The invention relates to a Caenorhamona elegans fungus agent with a nematicide function, a preparation method and application thereof, and belongs to the technical field of biological pesticides.

Background technique:

Plant nematodes are a common plant disease worldwide. There are more than 70 known species of root-knot nematodes alone, which harm more than 3,000 plants and cause huge losses every year. According to the statistics of the Food and Agriculture Organization of the United Nations, the global losses caused by nematodes are as high as 100 billion U.S. dollars every year. In 2001, the losses caused by nematode damage to crops in my country were as high as 23.3 billion yuan. Pine xylophilus is known as smokeless forest fires, which have seriously occurred in some areas such as Jiangsu, Zhejiang, Guangdong, Shandong, Anhui, Hubei, Shanghai, Taiwan, Hong Kong, etc., and have a tendency to spread to the whole country. What's more serious is that root-knot nematodes cause crop wounds after infestation, resulting in serious root diseases of crops.

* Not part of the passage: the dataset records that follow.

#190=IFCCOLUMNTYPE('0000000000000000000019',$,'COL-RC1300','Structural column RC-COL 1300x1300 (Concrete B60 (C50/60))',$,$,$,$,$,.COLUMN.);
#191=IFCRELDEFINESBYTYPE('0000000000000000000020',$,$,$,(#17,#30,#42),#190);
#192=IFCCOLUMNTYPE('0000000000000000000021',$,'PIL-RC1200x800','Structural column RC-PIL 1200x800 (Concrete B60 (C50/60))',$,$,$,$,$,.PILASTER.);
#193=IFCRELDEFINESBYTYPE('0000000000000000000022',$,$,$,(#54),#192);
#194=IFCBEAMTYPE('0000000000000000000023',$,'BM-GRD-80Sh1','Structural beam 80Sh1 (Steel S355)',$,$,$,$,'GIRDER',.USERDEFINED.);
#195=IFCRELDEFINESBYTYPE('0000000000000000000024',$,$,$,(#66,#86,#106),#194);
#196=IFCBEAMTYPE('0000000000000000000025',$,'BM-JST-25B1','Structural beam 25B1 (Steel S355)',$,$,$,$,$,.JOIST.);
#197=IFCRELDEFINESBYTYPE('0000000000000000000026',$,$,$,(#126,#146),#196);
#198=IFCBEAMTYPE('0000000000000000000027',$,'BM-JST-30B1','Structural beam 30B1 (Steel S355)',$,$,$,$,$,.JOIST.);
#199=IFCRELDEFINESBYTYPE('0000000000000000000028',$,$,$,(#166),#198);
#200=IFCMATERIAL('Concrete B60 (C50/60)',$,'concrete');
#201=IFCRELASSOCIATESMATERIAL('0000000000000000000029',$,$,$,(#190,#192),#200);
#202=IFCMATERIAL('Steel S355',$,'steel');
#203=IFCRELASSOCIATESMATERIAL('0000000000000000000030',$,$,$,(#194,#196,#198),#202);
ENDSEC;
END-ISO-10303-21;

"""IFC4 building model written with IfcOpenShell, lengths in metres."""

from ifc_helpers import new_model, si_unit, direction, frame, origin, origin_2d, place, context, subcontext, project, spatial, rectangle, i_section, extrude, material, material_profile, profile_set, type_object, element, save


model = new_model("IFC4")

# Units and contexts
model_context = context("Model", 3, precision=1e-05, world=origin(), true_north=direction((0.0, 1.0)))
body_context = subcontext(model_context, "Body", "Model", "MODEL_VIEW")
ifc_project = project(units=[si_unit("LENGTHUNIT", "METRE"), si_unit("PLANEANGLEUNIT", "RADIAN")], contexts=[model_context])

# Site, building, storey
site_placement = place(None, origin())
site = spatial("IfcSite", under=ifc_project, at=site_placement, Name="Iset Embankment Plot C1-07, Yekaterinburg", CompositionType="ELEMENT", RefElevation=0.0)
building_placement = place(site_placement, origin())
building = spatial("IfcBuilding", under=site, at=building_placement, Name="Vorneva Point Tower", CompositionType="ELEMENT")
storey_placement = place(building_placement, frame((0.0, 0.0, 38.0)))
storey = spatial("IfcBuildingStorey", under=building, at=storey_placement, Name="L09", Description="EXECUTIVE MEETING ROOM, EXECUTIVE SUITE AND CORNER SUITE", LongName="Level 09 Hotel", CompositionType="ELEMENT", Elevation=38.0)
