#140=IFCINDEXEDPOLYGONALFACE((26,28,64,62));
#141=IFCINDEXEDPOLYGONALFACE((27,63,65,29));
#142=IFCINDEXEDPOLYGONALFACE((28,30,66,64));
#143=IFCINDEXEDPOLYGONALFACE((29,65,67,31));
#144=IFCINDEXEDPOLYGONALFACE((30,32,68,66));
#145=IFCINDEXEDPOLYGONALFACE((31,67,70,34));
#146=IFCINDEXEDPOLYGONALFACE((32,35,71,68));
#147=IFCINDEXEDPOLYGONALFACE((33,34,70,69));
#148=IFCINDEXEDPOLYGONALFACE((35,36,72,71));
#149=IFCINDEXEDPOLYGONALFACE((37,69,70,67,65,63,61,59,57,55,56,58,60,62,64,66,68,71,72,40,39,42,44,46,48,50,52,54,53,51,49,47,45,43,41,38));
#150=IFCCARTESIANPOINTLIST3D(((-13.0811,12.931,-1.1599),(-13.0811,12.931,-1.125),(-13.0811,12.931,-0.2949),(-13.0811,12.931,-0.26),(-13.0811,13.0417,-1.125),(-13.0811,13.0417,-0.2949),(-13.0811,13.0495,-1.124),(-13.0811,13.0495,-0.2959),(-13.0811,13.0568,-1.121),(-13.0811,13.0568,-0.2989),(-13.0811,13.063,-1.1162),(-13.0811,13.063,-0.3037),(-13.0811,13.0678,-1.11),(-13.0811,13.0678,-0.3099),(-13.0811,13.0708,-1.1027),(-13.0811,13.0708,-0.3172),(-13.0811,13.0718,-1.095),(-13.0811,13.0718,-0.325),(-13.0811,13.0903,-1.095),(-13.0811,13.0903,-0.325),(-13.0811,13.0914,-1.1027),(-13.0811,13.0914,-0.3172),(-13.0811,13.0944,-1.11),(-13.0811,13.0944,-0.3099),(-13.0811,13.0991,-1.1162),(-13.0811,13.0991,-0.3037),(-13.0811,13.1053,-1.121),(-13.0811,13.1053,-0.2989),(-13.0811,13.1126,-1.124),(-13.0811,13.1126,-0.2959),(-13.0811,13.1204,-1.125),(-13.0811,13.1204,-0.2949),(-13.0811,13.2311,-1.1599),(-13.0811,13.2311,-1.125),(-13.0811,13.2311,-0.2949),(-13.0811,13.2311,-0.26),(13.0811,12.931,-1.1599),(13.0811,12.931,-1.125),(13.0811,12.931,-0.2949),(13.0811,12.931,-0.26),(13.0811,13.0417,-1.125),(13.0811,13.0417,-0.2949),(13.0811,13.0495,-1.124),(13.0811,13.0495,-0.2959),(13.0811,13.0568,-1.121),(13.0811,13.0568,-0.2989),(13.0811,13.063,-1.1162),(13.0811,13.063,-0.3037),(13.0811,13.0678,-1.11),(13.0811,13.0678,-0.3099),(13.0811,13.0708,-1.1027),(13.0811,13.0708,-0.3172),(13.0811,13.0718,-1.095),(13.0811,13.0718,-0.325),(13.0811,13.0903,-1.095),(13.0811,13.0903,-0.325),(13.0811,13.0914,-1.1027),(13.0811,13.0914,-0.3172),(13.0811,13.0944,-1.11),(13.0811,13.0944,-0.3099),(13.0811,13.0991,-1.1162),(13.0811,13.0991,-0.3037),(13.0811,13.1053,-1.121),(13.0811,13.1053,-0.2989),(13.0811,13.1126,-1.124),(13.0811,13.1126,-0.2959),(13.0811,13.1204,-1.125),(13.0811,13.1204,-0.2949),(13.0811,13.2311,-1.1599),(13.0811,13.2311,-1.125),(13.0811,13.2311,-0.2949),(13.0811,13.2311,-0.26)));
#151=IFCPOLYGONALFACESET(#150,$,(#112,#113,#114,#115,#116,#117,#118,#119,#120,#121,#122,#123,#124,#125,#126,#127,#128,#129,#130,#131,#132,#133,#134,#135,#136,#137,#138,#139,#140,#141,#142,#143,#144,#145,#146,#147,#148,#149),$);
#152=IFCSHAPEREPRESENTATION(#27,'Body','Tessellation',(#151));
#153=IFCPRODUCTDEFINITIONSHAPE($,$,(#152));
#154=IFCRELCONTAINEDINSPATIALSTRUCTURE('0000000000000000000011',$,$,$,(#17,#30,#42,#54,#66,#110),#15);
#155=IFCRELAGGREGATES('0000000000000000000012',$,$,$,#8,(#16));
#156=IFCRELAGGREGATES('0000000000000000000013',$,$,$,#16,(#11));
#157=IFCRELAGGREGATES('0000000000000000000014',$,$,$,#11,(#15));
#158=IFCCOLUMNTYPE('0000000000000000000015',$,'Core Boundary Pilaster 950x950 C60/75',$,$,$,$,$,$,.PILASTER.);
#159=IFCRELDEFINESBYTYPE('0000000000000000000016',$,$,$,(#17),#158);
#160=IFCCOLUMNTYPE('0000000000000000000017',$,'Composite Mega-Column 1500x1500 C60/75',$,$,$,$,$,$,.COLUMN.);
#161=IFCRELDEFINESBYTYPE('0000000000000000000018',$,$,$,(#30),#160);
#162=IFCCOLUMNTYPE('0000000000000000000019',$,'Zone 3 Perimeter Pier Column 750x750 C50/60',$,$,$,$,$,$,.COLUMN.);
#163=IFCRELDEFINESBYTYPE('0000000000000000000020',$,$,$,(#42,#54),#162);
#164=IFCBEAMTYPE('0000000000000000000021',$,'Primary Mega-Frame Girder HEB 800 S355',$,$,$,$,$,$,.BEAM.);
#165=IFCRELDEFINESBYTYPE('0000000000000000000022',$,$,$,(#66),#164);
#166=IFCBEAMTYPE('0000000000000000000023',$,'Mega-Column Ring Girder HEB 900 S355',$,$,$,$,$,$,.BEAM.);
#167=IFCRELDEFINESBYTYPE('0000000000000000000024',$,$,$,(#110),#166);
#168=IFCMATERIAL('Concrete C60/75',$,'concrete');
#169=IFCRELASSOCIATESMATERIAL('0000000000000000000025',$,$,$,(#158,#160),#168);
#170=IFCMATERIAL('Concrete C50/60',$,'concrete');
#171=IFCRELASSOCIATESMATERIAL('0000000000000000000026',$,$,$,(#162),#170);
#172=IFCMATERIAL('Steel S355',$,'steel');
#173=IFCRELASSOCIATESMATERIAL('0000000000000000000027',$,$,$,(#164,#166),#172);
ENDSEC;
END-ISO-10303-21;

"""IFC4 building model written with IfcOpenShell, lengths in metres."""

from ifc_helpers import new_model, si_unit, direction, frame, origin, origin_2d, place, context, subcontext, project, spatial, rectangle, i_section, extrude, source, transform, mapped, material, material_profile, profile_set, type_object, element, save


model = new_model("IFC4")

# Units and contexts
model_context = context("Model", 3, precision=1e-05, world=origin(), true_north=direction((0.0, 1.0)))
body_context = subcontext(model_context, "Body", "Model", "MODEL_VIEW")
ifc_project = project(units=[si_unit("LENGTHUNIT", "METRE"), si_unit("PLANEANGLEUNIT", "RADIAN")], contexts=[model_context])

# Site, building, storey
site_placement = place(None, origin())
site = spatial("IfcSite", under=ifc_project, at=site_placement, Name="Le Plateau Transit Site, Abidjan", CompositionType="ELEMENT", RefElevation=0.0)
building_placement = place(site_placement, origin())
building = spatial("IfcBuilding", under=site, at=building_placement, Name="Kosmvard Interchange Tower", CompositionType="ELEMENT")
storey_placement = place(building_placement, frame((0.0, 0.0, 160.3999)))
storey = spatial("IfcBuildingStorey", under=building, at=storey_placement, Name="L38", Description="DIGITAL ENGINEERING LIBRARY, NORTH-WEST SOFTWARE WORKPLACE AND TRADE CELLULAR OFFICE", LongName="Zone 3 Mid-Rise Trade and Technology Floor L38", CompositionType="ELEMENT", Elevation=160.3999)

At present, chemical nematicides are still the main method of nematode control. Invented in the 1940s, chemical nematicides have played an important role in ensuring agricultural production and preventing nematode diseases for a long time. However, with the advancement of science and technology, it was found that many chemical nematicides have side effects, which not only produce drug resistance, but also cause environmental pollution and endanger human health. Many of them have been banned or will be banned one after another. For example, the use of methyl bromide and methylene bromide has been banned in the United States. Chemical nematicides have brought serious negative impacts on human health and the environment while preventing nematodes and ensuring agricultural production. It is imminent to develop high-efficiency and low-toxic nematicides and biological nematicides.

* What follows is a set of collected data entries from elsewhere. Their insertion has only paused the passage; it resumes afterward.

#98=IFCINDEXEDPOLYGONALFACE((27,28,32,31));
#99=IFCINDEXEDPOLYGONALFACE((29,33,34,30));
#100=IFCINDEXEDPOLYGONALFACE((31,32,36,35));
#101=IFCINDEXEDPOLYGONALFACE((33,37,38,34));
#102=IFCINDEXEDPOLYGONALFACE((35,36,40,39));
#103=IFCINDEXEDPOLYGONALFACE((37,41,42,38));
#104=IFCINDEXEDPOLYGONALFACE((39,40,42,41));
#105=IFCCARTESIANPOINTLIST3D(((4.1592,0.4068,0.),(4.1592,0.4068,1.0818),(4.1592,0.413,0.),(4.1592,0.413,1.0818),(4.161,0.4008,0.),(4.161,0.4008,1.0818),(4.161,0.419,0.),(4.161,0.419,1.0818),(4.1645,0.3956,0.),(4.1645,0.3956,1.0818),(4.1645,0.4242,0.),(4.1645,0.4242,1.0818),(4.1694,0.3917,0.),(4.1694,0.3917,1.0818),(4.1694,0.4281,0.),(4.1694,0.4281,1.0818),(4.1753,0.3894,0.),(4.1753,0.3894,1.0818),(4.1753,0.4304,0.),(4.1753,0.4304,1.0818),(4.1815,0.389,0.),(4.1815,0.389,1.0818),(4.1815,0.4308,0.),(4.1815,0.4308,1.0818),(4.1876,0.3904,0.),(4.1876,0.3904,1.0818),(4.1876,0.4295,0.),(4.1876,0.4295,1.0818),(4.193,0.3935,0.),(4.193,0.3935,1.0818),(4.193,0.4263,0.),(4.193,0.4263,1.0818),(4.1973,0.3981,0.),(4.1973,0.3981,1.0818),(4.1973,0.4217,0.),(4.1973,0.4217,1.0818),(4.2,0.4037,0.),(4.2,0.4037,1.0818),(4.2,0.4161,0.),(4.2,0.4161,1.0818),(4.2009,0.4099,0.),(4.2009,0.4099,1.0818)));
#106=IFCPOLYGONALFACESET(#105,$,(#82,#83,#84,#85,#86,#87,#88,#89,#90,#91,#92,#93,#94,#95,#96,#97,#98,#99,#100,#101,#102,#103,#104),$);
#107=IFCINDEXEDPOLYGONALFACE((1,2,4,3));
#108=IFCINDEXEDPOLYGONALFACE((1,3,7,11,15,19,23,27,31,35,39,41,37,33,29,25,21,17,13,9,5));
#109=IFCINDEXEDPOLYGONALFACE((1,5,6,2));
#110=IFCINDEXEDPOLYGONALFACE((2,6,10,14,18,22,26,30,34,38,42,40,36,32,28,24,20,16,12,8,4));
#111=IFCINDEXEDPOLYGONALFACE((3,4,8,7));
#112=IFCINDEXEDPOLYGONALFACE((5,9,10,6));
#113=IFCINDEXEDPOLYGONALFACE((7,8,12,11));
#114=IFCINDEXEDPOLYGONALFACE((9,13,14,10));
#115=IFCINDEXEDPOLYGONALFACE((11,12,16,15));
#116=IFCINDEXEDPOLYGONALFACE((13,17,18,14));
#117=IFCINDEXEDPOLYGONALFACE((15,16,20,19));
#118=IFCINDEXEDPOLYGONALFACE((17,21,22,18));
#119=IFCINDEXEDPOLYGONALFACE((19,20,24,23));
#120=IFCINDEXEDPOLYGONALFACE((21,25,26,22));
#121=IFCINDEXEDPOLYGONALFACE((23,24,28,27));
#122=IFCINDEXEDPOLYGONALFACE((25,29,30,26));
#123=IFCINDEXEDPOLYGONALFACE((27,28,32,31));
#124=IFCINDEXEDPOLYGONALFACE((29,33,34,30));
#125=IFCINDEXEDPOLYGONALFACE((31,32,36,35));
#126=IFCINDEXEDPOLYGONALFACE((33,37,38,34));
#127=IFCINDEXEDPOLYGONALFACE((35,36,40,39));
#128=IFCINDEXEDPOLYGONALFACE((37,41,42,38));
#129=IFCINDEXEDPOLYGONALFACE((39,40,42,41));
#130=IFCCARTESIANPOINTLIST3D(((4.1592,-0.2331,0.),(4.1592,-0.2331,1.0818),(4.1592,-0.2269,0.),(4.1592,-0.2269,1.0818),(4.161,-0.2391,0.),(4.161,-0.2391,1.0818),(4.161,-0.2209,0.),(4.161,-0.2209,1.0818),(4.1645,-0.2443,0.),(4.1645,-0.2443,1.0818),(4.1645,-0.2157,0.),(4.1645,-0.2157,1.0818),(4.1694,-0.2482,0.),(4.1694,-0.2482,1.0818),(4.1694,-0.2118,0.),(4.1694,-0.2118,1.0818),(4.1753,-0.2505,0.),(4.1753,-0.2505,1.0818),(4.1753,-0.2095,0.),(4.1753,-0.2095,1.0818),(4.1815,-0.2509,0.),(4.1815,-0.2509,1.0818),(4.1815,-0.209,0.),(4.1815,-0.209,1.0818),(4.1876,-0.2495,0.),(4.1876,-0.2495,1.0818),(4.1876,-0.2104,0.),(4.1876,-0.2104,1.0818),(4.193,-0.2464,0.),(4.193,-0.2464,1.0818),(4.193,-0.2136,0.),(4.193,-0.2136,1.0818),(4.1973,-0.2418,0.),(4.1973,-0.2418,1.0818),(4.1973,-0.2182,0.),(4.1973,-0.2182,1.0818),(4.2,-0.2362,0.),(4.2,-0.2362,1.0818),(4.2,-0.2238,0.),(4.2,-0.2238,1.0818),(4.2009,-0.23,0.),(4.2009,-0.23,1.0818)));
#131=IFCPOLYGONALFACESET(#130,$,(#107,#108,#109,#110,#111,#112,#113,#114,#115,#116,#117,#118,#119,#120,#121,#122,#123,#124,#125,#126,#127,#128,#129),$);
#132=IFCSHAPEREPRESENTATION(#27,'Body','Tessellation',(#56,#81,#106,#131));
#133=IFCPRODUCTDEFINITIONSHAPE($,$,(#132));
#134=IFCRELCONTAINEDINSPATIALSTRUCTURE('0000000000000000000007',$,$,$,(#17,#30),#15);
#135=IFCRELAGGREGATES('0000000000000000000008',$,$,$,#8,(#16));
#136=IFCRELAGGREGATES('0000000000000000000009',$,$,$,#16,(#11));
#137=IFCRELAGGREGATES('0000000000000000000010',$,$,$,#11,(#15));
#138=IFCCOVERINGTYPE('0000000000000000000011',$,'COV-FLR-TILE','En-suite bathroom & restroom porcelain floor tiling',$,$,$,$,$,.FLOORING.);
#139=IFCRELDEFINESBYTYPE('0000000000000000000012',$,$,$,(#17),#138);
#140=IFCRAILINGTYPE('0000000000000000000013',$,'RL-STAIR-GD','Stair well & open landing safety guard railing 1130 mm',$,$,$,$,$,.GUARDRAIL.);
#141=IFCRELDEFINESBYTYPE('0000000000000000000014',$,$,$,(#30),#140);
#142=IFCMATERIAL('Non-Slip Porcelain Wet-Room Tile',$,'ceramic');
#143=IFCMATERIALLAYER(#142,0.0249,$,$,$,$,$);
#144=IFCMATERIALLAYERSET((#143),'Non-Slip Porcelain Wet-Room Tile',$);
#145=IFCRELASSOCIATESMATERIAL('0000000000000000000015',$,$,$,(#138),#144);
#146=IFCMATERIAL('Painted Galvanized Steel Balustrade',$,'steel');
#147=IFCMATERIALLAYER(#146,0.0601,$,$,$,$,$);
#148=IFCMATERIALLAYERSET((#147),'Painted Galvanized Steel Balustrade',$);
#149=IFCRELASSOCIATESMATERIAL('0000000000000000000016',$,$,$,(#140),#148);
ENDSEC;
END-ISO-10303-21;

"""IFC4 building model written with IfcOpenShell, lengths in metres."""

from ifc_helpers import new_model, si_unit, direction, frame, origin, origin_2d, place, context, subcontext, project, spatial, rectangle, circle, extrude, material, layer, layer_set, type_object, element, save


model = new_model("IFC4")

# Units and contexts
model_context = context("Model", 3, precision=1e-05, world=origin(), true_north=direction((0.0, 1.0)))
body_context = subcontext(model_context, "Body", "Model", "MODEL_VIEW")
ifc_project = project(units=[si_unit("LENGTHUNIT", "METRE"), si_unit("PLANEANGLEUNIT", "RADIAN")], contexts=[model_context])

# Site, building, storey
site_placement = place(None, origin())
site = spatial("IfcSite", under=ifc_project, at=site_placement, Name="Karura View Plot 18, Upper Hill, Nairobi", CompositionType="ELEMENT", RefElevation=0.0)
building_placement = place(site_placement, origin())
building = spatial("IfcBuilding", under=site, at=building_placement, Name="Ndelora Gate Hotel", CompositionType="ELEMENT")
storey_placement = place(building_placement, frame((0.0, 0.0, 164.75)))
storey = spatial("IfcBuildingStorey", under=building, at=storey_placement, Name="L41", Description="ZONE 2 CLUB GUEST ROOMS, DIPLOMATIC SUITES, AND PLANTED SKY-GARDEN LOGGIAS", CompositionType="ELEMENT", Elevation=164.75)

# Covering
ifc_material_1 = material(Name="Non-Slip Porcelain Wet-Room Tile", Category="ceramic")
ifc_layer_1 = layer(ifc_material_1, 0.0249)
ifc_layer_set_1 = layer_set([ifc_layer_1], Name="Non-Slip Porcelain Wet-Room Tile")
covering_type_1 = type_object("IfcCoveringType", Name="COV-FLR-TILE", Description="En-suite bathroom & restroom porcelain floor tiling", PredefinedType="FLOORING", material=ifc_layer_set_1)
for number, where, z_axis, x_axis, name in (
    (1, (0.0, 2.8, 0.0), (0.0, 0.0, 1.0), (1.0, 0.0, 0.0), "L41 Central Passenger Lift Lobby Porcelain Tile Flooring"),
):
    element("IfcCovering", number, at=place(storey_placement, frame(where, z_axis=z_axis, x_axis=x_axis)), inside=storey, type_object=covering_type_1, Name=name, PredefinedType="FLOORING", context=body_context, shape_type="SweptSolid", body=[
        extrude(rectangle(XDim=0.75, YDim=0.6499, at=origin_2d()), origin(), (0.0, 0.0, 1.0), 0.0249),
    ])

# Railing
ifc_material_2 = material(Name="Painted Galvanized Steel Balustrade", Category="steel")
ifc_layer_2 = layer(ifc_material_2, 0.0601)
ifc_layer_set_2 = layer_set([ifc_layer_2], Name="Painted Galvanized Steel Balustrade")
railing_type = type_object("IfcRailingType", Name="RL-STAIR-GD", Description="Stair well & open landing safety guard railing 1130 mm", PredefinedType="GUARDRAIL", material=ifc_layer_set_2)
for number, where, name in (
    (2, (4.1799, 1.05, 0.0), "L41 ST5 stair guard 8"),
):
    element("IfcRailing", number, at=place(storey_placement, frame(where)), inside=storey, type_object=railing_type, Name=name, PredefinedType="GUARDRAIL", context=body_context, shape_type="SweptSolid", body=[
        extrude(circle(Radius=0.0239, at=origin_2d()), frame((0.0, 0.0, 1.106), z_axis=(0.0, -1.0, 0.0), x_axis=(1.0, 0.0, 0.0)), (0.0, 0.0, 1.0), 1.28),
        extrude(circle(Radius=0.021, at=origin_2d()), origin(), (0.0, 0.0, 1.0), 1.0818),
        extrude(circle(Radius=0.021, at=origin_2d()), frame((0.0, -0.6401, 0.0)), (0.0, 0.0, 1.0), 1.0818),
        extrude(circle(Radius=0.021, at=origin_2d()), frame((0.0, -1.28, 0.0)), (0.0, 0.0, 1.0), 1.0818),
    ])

Monocremonium is a very important nematode-predating fungus, which can produce three-dimensional fungus nets and other predatory organs to catch nematodes, and is a very important nematode biocontrol resource. Studies have shown that Caenorhamona elegans can not only produce traps to catch nematodes on the CMA plate, but also secrete extracellular proteases, which can decompose the nematode body wall by using extracellular proteases to kill nematodes.

Invention content:

The purpose of the present invention is to develop a biological nematicide through the research on Caenormona elegans which produces extracellular enzymes and can effectively decompose the body wall of nematodes.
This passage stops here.